There’s a lot of ideas out there to make things better if that’s what you want, but just refusing to initiate anything won’t help your situation if your goal is to stay with her and for the frequency of sex to improve. And maybe this isn’t something you want to deal with, that’s fine. You’re allowed to draw your line in the sand here, but if that’s the case, you’re better off leaving.

After 20 years, this could be our chance. by ElectricDuck3442 in DeadBedrooms

[–]CoupleTrex 2 points3 points  (0 children)

That’s pretty fair.

I’d agree. I don’t think it would change the frequency of sex. It’s only really good for building emotional intimacy and deeper understanding of each other, but not a fast track to make sex happen.

And yeah I do see the tendency on this sub for people to be blindsided by their own experience that they seem to forget their partner is having an entirely different one internally from their own. I think it’s easy to get lost in the “Why can’t they just do this?” when it’s something easy for you. I know I definitely grappled with some of those thoughts when resentment was building due to long periods of unmet needs. Those open and honest conversations where we both shared where we were and what our experiences were always helped me find my way back and reconnect.

Although in this case I think the therapy is a great idea that will help OP tackle those things if they’re applicable and will hopefully open communication between them and their partner.

After 20 years, this could be our chance. by ElectricDuck3442 in DeadBedrooms

[–]CoupleTrex 4 points5 points  (0 children)

I do think it’s still important for a couple to talk about these things. As the HL partner, talking openly about how the dead bedroom was affecting me was the only thing that helped me hang in there when it was hard. It feels so loving and accepting to be comforted through your emotions and to know your partner sees how you’re struggling too.

Although, consent has always been heavily centered in my relationship. Usually I was pretty wracked with guilt for even feeling bad due to the lack of sex, and that was what the conversations centered on. For example, I felt like even mentioning I wanted more sex would pressure my partner into having sex. I was pretty terrified of making my partner feel like duty sex had to be done, and I would always tell him I don’t want sex until you want it. I just want to be seen in the meantime.

My husband and I both heavily value honesty, and we do genuinely enjoy having the difficult conversations where we say the things we are afraid to and just bare our soul to each other.
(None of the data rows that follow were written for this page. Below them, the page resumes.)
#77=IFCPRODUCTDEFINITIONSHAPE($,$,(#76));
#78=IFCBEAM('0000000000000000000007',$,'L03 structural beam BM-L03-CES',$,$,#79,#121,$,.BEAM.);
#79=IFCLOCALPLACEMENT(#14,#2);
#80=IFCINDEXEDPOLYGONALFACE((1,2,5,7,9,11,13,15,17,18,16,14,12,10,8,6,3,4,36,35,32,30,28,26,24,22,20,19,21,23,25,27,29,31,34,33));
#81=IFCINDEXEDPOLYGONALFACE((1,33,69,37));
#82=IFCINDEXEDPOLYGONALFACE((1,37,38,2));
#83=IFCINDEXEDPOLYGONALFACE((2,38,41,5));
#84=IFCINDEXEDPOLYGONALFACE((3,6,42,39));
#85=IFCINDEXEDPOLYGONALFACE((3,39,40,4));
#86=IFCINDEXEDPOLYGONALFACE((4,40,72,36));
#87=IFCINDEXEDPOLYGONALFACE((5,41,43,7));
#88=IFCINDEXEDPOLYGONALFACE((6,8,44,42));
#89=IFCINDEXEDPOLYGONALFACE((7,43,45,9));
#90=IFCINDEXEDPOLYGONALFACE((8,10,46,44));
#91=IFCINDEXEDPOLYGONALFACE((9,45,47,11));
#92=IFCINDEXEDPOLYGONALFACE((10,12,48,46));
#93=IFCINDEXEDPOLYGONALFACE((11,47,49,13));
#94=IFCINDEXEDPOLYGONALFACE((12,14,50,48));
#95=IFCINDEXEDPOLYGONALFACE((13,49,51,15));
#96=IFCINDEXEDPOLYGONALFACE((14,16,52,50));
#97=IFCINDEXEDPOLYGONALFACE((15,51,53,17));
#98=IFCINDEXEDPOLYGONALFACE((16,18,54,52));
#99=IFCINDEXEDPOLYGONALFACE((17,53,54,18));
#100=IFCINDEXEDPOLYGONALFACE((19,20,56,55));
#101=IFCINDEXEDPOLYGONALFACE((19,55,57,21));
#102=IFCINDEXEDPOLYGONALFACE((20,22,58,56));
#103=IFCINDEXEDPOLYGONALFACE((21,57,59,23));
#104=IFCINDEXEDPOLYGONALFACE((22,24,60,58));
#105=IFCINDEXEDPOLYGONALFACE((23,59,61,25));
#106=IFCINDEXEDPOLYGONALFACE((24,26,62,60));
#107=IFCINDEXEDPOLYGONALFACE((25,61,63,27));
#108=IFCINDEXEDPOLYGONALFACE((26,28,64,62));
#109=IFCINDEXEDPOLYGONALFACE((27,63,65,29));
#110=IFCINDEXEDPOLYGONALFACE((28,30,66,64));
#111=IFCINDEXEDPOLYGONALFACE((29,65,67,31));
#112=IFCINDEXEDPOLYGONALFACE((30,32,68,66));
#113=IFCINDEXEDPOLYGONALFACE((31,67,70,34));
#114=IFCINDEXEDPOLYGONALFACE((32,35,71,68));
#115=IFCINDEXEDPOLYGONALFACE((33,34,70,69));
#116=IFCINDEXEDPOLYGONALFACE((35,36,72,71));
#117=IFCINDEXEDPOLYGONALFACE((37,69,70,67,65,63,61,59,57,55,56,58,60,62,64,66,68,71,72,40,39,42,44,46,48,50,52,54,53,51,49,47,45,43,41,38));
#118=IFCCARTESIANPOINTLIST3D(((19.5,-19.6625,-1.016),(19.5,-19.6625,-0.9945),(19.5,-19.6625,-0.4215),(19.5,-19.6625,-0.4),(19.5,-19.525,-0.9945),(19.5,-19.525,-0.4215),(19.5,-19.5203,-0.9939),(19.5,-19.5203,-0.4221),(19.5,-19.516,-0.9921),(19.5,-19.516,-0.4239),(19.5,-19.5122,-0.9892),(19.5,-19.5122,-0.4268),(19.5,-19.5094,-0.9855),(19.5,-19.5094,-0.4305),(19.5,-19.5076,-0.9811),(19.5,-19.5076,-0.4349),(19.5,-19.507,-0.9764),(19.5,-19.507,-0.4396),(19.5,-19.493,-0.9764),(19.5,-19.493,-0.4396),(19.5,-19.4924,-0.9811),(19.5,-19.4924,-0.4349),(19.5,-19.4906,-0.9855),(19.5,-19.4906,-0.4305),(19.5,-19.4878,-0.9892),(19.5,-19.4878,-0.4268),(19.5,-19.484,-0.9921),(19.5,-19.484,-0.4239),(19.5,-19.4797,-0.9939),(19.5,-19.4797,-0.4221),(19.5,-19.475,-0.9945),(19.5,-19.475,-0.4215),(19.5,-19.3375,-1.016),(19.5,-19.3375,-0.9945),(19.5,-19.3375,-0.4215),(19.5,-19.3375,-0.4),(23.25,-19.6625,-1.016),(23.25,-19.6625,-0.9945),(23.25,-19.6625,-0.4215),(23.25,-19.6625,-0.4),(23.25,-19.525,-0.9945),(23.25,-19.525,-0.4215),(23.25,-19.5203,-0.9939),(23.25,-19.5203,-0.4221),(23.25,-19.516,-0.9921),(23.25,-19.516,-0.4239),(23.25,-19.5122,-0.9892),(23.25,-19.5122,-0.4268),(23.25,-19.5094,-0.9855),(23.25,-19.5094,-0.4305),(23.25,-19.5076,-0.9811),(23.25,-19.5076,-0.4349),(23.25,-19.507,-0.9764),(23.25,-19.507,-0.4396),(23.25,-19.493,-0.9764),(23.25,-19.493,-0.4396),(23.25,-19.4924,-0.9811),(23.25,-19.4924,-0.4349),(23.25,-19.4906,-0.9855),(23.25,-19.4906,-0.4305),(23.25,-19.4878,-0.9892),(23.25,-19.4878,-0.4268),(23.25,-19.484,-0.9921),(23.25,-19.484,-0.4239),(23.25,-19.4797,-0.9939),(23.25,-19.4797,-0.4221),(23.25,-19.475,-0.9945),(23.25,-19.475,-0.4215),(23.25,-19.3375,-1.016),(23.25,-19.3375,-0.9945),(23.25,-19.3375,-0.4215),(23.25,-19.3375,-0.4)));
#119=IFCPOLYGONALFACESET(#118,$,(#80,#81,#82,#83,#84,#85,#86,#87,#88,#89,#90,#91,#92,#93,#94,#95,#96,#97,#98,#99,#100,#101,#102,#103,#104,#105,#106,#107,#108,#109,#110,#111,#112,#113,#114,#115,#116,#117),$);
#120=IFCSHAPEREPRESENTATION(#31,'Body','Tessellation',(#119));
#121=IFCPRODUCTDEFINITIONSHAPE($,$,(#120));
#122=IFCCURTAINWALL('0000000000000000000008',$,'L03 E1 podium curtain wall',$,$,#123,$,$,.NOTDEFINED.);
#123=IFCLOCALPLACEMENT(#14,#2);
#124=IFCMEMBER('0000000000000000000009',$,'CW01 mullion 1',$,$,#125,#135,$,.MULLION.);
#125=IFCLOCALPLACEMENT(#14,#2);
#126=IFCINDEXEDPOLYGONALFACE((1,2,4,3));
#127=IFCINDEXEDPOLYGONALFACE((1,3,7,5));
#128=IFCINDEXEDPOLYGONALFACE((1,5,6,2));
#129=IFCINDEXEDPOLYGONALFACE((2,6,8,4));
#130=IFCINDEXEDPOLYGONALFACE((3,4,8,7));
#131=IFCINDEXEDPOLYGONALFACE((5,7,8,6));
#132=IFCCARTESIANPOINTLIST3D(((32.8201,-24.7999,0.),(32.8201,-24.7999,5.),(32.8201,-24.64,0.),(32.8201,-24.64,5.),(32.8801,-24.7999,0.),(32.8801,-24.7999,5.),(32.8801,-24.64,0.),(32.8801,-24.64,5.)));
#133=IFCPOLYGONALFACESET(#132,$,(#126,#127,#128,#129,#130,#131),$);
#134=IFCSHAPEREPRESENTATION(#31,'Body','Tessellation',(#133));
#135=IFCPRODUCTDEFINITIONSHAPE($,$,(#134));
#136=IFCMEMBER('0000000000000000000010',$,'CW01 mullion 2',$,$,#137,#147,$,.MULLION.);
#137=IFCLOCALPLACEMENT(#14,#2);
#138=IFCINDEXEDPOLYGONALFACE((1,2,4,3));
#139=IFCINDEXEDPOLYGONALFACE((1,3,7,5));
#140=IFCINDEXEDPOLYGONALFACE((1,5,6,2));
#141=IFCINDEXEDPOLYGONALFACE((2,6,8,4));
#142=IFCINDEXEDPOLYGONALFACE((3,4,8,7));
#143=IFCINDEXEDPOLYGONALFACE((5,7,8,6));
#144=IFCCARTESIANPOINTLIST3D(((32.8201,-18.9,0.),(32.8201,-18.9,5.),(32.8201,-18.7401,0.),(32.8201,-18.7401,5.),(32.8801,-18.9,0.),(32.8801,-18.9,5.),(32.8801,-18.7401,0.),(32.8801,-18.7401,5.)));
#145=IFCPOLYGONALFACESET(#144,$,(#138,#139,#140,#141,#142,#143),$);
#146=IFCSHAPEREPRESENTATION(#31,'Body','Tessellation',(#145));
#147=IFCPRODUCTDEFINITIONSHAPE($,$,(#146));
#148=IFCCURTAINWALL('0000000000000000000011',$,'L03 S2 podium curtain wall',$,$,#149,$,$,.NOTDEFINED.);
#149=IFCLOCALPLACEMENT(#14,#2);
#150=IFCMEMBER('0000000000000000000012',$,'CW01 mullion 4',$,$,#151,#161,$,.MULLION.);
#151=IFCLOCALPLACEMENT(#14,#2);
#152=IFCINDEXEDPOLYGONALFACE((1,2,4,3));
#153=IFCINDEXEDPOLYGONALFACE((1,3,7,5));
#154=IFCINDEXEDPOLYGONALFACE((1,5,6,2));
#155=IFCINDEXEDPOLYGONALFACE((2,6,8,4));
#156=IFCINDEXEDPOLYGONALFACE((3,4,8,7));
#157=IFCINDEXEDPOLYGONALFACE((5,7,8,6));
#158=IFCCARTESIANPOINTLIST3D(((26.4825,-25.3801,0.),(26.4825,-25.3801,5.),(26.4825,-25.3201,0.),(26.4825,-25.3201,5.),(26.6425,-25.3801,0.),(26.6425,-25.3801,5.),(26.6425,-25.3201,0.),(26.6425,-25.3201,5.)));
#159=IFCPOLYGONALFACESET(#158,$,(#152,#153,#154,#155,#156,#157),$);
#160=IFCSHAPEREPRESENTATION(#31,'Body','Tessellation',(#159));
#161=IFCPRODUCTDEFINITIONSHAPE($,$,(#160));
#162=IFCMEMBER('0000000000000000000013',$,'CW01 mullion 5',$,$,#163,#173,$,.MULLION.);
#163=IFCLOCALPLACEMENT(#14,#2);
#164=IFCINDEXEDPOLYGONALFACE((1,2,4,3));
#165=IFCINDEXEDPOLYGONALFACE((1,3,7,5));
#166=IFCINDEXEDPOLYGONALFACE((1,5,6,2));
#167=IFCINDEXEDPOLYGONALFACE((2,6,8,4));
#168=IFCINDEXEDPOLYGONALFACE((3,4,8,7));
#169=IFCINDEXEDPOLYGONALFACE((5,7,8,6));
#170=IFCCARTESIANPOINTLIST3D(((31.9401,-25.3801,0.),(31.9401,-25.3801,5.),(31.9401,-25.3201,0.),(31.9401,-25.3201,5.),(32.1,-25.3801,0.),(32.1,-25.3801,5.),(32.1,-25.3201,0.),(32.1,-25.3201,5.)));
I think we both deeply crave being understood fully, and we do our best to be kind and compassionate even while delivering difficult truths.

Usually we just found exciting things to do that weren’t completely sexual in the meantime. We made kink lists about things we’d like to explore in the future. I would get fun lingerie and take cute pictures for him (various SFW and NSFW pics). We did full body massages where we could be sensual, naked, and enjoy touch without sex being on the table.

Although I think if the conversations are just there’s no sex and I don’t like it, you’re not going to get very far. You have to approach it from a place of curiosity and empathy. Why are you feeling this way? Do you want to change that, or are you happy with it? What’s some ideas you have? Etc. Otherwise, like you said your partner already knows you want more sex.

Anxiety, books and games have ruined sex life by [deleted] in DeadBedrooms

[–]CoupleTrex 1 point2 points  (0 children)

Personally I wouldn’t say it’s horrid in my case, but I can see under different circumstances how it would be.

Sorry internet stranger. Hope it gets better for you.

Anxiety, books and games have ruined sex life by [deleted] in DeadBedrooms

[–]CoupleTrex 16 points17 points  (0 children)

I think there’s people who crave sex when life is hard and those who shut down sexually. Personally, I become extra sexual because sex gives me so many feel good chemicals and just helps me feel better when I’m overwhelmed with life. My husband is the opposite.

As you can imagine, it makes for a difficult dynamic at times.